Ok this house is around 20 years old. There is a leak like under the boiler, or very close to it. The pipe is grey. 

First question is it PVC?

Could I take 2 couplings and pex and crimp those in?

Apparently the there is a concrete slab, and the subfloor is sitting on flat 2x4. I plan to smash the tile and cut a small whole in the floor and see where this water is coming from. I cant remove the boiler because 1. it is too much work. 2. I don't have the knowledge to put it back together. This right near an exterior wall. Outside you see this white paste on the sidewalk. whats it from?

Any advice is appreciated. 

thanks


----------



## WrenchMonkey (Feb 24, 2010)

if it's grey then it could be poly-b pipe which you can fix with pex to poly-b transition couplings. The real bummer is when you shut down and drain the system to make your repair it could cause more leaks in the system. I hate working on poly-b you just never know if it's gonna leak or be okay. So fill very slowly when your done your repair.


----------



## njoy plumbing (May 19, 2009)

What make of boiler is it? Is the pipe in floor separated from boiler piping by a plate exchanger? Perhaps the boiler is leaking under itself. Poly-b has no oygen barrier and can cause corrosion to the boiler. Busting up the subfloor in that location may just show you that the leak is coming from some place else. The system is 20 years old and probably in crap shape due to the poly-b pipe install. There may be an oppurtunity to sell them on upgrading. Post some pics.


----------



## AKdaplumba (Jan 12, 2010)

this is for my moms friend of a friend. if they have a leaky boiler they have to get someone to install a new one. I have next to zero heating experience. Me doing this is just an attempt to save them some money since they are an older couple. 

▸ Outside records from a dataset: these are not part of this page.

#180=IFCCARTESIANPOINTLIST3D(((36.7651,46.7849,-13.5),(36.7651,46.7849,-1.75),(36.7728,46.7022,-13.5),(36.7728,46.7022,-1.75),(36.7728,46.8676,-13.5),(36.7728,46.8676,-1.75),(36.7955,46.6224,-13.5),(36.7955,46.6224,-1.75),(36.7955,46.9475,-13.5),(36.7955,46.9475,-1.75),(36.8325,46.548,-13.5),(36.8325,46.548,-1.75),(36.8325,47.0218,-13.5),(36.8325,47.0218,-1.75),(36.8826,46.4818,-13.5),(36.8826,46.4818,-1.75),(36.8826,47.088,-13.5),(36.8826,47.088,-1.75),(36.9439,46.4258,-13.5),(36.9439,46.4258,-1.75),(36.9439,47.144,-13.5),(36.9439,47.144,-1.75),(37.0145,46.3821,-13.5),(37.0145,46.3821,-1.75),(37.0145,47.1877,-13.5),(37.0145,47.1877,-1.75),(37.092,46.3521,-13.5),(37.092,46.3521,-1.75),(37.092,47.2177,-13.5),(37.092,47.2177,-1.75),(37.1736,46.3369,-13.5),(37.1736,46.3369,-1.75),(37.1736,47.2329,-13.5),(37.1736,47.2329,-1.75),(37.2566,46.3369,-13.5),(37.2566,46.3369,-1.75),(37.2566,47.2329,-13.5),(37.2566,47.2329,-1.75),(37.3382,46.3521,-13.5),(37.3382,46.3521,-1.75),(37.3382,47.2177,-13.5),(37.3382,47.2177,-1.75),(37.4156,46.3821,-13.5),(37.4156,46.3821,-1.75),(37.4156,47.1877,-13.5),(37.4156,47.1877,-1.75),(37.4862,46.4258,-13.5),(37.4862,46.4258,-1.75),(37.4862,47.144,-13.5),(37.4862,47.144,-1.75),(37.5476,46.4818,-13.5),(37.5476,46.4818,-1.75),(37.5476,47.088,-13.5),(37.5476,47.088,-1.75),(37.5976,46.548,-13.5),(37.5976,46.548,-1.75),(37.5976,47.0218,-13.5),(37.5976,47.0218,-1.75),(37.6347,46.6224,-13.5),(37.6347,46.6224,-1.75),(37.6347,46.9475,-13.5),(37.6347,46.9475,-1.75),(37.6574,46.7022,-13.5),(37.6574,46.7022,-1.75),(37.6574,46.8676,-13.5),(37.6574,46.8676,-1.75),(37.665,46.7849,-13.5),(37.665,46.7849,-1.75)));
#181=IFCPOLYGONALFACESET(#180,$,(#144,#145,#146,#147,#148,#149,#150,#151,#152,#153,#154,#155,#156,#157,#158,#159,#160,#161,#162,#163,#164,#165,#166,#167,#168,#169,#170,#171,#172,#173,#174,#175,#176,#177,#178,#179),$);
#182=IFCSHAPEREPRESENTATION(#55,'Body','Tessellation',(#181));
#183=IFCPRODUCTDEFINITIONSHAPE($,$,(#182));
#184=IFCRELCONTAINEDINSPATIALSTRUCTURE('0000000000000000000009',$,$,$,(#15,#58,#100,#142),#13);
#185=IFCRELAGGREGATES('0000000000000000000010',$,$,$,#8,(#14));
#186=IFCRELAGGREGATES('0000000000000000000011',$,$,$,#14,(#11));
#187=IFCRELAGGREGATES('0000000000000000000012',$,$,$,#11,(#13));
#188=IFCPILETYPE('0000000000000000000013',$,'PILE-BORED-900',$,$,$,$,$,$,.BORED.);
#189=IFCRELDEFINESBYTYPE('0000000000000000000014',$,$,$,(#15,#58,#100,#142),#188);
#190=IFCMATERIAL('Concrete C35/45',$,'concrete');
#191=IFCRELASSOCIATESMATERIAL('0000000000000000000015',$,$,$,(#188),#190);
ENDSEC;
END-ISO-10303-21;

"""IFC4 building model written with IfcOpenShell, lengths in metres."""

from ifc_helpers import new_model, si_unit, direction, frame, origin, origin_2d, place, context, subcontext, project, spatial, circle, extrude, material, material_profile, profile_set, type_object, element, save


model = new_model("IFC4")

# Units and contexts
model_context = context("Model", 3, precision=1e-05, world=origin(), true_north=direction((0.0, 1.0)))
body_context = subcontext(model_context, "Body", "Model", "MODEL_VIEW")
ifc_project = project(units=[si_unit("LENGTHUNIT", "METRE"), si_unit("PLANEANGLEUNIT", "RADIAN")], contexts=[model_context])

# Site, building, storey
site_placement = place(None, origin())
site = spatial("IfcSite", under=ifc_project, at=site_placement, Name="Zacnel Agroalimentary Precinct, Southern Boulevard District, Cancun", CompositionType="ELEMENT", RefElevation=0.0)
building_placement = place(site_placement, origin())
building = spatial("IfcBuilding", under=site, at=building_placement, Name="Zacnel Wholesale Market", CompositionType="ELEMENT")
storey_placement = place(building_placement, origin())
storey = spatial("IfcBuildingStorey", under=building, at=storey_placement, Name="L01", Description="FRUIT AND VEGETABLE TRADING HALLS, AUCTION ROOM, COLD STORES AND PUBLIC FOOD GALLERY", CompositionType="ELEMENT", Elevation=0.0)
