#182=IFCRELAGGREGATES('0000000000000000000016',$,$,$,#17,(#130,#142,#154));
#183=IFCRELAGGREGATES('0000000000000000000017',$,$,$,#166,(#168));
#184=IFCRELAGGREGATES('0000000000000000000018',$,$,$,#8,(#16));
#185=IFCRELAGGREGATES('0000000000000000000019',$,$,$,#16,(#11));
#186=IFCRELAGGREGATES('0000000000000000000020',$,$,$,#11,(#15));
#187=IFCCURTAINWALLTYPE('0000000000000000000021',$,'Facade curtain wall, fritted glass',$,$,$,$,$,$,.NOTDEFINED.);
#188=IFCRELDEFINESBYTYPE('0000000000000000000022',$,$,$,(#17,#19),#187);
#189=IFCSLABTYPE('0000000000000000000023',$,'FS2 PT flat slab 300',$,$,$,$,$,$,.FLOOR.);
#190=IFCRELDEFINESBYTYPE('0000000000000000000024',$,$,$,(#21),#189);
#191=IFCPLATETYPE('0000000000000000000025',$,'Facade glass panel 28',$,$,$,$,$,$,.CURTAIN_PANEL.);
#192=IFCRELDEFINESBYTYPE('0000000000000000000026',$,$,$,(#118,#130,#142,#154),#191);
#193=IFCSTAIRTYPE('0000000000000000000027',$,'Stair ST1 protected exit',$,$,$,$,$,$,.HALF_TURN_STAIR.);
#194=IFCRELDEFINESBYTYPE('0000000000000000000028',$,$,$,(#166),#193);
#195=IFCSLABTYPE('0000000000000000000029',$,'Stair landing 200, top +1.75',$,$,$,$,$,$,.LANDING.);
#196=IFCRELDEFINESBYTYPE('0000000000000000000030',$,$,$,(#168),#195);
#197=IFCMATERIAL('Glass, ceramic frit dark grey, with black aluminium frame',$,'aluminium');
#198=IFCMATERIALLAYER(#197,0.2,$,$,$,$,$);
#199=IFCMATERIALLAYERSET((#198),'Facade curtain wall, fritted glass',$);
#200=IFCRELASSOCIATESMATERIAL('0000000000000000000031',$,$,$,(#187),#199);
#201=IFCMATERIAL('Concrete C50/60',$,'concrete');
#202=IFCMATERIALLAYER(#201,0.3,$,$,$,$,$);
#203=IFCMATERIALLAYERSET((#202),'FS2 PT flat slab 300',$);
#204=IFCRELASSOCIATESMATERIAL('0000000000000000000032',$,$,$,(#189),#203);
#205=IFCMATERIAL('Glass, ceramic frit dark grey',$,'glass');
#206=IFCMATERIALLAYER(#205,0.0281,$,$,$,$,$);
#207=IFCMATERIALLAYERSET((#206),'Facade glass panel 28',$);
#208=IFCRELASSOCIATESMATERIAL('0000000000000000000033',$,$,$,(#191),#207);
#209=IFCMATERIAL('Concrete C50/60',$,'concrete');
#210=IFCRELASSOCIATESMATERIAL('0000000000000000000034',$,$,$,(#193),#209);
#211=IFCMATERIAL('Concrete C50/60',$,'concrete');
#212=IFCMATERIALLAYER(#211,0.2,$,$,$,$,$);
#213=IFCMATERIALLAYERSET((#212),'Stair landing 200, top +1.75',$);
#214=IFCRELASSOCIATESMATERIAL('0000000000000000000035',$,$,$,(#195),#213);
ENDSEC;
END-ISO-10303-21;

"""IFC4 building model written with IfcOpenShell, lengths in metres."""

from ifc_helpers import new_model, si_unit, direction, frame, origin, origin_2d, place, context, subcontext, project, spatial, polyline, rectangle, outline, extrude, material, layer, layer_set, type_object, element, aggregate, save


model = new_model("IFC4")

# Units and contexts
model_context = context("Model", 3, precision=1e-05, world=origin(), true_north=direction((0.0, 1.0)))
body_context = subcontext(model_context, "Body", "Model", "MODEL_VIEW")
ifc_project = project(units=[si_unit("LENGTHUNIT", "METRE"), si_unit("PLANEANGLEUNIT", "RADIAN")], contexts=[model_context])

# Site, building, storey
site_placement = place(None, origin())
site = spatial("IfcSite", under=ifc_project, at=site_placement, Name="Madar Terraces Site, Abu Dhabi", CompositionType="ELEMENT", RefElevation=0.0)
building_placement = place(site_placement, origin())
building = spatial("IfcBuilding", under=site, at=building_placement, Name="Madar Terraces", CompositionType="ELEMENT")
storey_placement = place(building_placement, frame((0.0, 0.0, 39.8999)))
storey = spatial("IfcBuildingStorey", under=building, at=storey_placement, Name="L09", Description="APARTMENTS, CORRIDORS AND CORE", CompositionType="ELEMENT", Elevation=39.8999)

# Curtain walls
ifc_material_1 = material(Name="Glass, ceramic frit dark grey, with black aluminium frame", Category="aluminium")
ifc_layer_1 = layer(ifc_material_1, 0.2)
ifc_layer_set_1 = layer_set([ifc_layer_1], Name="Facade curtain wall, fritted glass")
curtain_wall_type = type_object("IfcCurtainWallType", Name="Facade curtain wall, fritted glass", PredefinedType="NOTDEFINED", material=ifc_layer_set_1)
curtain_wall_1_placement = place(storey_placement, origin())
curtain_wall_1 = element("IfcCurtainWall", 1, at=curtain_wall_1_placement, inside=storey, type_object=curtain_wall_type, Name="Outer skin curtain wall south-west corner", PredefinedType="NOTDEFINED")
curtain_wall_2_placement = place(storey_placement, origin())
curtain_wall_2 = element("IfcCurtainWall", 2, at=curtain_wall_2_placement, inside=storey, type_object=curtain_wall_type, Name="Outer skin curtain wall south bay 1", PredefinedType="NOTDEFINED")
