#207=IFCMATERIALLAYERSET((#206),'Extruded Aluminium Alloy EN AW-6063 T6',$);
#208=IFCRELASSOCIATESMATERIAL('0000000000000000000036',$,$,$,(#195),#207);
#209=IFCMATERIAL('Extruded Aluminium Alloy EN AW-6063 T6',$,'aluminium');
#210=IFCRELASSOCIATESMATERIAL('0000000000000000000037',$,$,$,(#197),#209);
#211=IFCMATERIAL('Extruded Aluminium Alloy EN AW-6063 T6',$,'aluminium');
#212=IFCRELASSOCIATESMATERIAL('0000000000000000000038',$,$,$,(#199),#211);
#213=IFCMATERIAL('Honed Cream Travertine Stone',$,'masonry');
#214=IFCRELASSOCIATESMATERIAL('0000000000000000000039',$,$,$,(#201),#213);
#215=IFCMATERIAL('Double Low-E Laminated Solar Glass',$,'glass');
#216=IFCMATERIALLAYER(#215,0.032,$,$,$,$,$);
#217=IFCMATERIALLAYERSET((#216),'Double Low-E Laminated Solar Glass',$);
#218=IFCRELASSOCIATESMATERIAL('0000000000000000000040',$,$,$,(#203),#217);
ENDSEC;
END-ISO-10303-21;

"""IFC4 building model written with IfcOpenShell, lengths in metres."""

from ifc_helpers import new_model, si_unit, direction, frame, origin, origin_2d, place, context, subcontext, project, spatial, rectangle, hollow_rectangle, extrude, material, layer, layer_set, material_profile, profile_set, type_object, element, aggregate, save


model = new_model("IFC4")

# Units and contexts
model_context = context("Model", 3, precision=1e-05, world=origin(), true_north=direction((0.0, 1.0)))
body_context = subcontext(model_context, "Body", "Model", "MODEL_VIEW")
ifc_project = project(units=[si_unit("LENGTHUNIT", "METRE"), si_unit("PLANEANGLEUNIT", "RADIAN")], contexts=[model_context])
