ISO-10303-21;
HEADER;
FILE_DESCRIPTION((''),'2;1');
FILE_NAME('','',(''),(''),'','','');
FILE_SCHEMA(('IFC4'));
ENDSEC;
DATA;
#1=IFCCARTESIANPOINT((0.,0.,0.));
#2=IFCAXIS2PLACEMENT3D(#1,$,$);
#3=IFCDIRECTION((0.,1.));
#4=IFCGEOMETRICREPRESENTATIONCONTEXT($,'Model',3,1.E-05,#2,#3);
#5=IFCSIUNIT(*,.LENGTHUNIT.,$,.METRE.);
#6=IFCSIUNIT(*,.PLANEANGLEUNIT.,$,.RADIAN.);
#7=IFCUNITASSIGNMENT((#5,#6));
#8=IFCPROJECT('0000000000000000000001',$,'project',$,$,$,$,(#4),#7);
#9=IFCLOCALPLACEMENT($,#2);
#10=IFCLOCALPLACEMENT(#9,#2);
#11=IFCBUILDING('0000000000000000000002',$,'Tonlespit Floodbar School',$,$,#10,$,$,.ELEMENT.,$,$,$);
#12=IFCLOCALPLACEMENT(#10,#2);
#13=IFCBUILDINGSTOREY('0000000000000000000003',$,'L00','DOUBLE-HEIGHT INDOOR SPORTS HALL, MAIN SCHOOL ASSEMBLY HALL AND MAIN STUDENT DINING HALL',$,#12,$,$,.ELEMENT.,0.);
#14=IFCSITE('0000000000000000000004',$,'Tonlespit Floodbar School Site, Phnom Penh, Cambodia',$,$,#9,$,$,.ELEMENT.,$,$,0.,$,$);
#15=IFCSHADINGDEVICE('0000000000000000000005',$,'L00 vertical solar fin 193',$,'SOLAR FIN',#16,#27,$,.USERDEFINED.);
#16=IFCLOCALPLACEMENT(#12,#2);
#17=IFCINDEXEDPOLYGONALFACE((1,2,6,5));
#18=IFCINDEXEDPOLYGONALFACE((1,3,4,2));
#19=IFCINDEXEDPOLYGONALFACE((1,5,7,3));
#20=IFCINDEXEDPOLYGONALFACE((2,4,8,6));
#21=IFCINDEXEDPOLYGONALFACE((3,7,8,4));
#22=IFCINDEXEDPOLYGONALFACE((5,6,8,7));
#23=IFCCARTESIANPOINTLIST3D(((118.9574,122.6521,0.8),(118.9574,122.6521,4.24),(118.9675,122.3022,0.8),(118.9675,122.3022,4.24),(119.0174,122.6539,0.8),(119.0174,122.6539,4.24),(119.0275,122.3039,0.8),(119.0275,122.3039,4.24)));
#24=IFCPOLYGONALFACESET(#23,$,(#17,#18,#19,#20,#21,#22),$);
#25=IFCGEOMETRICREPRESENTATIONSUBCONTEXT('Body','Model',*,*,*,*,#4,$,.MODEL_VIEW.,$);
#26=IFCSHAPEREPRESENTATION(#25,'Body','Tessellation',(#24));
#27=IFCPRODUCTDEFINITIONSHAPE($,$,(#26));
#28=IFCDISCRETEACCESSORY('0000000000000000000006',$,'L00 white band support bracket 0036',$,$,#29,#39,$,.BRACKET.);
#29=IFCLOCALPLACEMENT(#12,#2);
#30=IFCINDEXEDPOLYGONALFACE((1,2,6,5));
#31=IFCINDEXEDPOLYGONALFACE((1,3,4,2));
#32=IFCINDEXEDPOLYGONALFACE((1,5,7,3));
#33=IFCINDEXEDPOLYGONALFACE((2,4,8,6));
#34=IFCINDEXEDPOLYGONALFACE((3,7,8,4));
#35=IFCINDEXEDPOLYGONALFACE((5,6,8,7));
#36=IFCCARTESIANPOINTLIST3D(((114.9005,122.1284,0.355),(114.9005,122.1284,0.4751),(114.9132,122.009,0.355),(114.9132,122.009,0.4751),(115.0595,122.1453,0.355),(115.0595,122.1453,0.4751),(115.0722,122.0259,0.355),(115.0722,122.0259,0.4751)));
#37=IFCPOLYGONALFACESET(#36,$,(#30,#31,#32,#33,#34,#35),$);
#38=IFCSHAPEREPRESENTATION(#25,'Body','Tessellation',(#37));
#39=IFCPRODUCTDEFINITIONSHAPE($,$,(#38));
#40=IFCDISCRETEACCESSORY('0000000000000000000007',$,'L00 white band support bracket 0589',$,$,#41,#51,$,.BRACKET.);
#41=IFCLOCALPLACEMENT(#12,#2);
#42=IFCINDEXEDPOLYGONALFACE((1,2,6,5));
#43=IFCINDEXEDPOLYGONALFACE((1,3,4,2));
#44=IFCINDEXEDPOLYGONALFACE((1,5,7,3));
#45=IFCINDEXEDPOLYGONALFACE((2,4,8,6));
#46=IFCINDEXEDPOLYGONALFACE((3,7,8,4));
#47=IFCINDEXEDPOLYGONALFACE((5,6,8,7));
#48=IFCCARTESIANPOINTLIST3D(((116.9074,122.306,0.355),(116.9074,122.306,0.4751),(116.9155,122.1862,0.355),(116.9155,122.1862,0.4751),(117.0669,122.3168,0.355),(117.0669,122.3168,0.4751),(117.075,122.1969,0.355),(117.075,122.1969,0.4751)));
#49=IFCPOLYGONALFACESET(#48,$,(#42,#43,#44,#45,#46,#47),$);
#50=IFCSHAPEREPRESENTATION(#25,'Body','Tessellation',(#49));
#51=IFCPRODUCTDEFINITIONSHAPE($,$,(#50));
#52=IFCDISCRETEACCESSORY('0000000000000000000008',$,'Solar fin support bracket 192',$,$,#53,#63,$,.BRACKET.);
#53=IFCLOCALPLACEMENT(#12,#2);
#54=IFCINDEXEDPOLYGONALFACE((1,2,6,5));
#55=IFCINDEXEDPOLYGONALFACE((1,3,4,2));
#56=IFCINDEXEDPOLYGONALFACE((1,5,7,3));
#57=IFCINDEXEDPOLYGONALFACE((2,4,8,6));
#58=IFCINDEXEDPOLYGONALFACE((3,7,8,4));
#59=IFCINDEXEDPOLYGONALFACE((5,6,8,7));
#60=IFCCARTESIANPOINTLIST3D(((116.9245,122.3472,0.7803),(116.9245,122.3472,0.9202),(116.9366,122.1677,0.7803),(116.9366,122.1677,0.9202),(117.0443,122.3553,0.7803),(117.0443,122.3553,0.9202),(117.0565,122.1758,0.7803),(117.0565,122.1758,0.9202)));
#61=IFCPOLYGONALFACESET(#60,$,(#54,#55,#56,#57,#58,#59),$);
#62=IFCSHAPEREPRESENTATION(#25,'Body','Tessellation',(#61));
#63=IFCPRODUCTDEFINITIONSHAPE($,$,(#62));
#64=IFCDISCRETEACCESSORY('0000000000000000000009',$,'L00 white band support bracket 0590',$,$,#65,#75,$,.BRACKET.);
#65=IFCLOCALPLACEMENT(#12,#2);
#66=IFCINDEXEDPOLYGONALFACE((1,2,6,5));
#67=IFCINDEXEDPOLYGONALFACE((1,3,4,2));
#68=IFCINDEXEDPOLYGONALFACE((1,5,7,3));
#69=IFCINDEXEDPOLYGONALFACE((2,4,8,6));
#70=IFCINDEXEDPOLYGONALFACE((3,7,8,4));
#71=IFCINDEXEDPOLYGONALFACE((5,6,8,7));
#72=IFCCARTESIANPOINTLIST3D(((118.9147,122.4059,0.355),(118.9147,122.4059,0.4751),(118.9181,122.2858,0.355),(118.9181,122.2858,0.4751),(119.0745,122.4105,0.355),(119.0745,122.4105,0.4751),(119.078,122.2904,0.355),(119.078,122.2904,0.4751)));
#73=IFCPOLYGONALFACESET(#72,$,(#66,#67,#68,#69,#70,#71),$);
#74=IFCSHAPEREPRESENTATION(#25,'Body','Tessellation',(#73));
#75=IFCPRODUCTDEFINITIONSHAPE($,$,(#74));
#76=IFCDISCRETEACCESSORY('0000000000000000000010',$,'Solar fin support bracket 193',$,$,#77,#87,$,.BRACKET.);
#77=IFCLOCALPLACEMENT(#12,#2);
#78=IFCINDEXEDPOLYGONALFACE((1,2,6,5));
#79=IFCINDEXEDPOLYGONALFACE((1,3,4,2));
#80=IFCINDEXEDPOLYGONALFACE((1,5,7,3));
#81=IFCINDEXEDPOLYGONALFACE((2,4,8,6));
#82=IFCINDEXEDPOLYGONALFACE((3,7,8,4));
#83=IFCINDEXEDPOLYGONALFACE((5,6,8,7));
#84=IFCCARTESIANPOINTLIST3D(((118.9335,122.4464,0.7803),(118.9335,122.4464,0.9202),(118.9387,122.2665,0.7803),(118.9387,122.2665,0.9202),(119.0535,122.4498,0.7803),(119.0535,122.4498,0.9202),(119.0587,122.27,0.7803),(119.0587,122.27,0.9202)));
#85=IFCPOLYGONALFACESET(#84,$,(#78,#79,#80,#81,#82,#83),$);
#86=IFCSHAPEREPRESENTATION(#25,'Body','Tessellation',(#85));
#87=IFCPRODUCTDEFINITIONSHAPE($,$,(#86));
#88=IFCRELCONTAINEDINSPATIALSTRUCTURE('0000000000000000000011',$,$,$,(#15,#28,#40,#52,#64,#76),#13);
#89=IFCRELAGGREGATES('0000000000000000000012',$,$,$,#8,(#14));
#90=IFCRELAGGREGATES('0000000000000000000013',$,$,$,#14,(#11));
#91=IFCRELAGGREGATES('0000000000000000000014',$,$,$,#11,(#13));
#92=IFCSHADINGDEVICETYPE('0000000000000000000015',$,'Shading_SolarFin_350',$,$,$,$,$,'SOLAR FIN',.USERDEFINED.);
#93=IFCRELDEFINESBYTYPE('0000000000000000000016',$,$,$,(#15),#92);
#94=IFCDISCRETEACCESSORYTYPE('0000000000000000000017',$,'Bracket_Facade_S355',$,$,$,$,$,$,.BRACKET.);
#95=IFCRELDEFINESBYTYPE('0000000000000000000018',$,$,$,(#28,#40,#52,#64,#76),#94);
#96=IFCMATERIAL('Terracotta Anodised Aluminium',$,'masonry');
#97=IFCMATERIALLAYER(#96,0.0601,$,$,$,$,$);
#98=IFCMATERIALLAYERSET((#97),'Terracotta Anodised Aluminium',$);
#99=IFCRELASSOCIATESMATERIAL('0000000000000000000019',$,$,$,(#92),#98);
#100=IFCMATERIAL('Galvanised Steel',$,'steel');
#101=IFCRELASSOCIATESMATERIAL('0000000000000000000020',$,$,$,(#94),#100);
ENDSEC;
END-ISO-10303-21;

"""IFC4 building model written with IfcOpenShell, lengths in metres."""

from ifc_helpers import new_model, si_unit, direction, frame, origin, origin_2d, place, context, subcontext, project, spatial, rectangle, extrude, material, layer, layer_set, type_object, element, save


model = new_model("IFC4")

# Units and contexts
model_context = context("Model", 3, precision=1e-05, world=origin(), true_north=direction((0.0, 1.0)))
body_context = subcontext(model_context, "Body", "Model", "MODEL_VIEW")
ifc_project = project(units=[si_unit("LENGTHUNIT", "METRE"), si_unit("PLANEANGLEUNIT", "RADIAN")], contexts=[model_context])

# Site, building, storey
site_placement = place(None, origin())
site = spatial("IfcSite", under=ifc_project, at=site_placement, Name="Tonlespit Floodbar School Site, Phnom Penh, Cambodia", CompositionType="ELEMENT", RefElevation=0.0)
building_placement = place(site_placement, origin())
building = spatial("IfcBuilding", under=site, at=building_placement, Name="Tonlespit Floodbar School", CompositionType="ELEMENT")
storey_placement = place(building_placement, origin())
storey = spatial("IfcBuildingStorey", under=building, at=storey_placement, Name="L00", Description="DOUBLE-HEIGHT INDOOR SPORTS HALL, MAIN SCHOOL ASSEMBLY HALL AND MAIN STUDENT DINING HALL", CompositionType="ELEMENT", Elevation=0.0)

# Shading device
ifc_material_1 = material(Name="Terracotta Anodised Aluminium", Category="masonry")
ifc_layer_1 = layer(ifc_material_1, 0.0601)
ifc_layer_set_1 = layer_set([ifc_layer_1], Name="Terracotta Anodised Aluminium")
shading_device_type = type_object("IfcShadingDeviceType", Name="Shading_SolarFin_350", ElementType="SOLAR FIN", PredefinedType="USERDEFINED", material=ifc_layer_set_1)
for number, where, z_axis, x_axis, name in (
    (1, (118.9924, 122.478, 0.8), (0.0, 0.0, 1.0), (0.999584, 0.028838, 0.0), "L00 vertical solar fin 193"),
):
    element("IfcShadingDevice", number, at=place(storey_placement, frame(where, z_axis=z_axis, x_axis=x_axis)), inside=storey, type_object=shading_device_type, Name=name, ObjectType="SOLAR FIN", PredefinedType="USERDEFINED", context=body_context, shape_type="SweptSolid", body=[
        extrude(rectangle(XDim=0.0601, YDim=0.3501, at=origin_2d()), origin(), (0.0, 0.0, 1.0), 3.4399),
    ])

# Discrete accessories
ifc_material_2 = material(Name="Galvanised Steel", Category="steel")
discrete_accessory_type = type_object("IfcDiscreteAccessoryType", Name="Bracket_Facade_S355", PredefinedType="BRACKET", material=ifc_material_2)
for number, where, z_axis, x_axis, name in (
    (2, (114.9863, 122.0771, 0.355), (0.0, 0.0, 1.0), (0.994392, 0.105754, 0.0), "L00 white band support bracket 0036"),
    (3, (116.9912, 122.2515, 0.355), (0.0, 0.0, 1.0), (0.99773, 0.067347, 0.0), "L00 white band support bracket 0589"),
):
    element("IfcDiscreteAccessory", number, at=place(storey_placement, frame(where, z_axis=z_axis, x_axis=x_axis)), inside=storey, type_object=discrete_accessory_type, Name=name, PredefinedType="BRACKET", context=body_context, shape_type="SweptSolid", body=[
        extrude(rectangle(XDim=0.1599, YDim=0.1201, at=origin_2d()), origin(), (0.0, 0.0, 1.0), 0.1201),
    ])
discrete_accessory_1_placement = place(storey_placement, frame((116.9905, 122.2615, 0.7803), z_axis=(0.0, 0.0, 1.0), x_axis=(0.99773, 0.067347, 0.0)))
element("IfcDiscreteAccessory", 4, at=discrete_accessory_1_placement, inside=storey, type_object=discrete_accessory_type, Name="Solar fin support bracket 192", PredefinedType="BRACKET", context=body_context, shape_type="SweptSolid", body=[
    extrude(rectangle(XDim=0.1201, YDim=0.1799, at=origin_2d()), origin(), (0.0, 0.0, 1.0), 0.1399),
])
discrete_accessory_2_placement = place(storey_placement, frame((118.9963, 122.3481, 0.355), z_axis=(0.0, 0.0, 1.0), x_axis=(0.999584, 0.028838, 0.0)))
element("IfcDiscreteAccessory", 5, at=discrete_accessory_2_placement, inside=storey, type_object=discrete_accessory_type, Name="L00 white band support bracket 0590", PredefinedType="BRACKET", context=body_context, shape_type="SweptSolid", body=[
    extrude(rectangle(XDim=0.1599, YDim=0.1201, at=origin_2d()), origin(), (0.0, 0.0, 1.0), 0.1201),
])
discrete_accessory_3_placement = place(storey_placement, frame((118.9961, 122.3582, 0.7803), z_axis=(0.0, 0.0, 1.0), x_axis=(0.999584, 0.028838, 0.0)))
element("IfcDiscreteAccessory", 6, at=discrete_accessory_3_placement, inside=storey, type_object=discrete_accessory_type, Name="Solar fin support bracket 193", PredefinedType="BRACKET", context=body_context, shape_type="SweptSolid", body=[
    extrude(rectangle(XDim=0.1201, YDim=0.1799, at=origin_2d()), origin(), (0.0, 0.0, 1.0), 0.1399),
])

save(model, "model.ifc")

See if I can get some pics tmrw, Im sure the leak is right near the boiler. nothing else is wet anywhere else.


----------



## njoy plumbing (May 19, 2009)

We do alot of this kind of work. Once I can see the pics and learn more hopefully I can help.


----------



## AKdaplumba (Jan 12, 2010)

So water is bubbling up from the center 3/4 pipe. They say it is the supply. under the sub floor, is a 2x4 flat, there is probably 1inch of water above the concrete. Sounds like the pipe has given up and is leaking in the slab. Ive seen some water damage on the right wall about 5-6 ft away. 

So what do you think? 

repipe?

can I run it between the concrete and subfloor?

The boiler will be replaced, the basement zone is the laundry room and 2 bedroom suite down stairs. Havent heard complaints from the renters yet. 

Is there a way to test the pipe?


recommendations on which pipe to use if a repipe is nessesary?


thx


----------



## AKdaplumba (Jan 12, 2010)

boiler is made by Allied engineering company, model MG-100.


----------



## Protech (Sep 22, 2008)

Check for rat chews in that polybutylene pipe. I would not bother repiping it as PB holds up pretty well in hydronic systems. Low pressure, no chlorine, no fittings. PB holds up pretty good in such mild conditions. My bet is it's a rat chew or a kink somewhere. Cut out the leaking section and splice in some pex with pex by polybutylene adapters.


----------



## RealLivePlumber (Jun 22, 2008)

I use the Zurn Pex x poly adaptors. They come in a bag, with a ring for pex, and a wider, copper colored ring for poly.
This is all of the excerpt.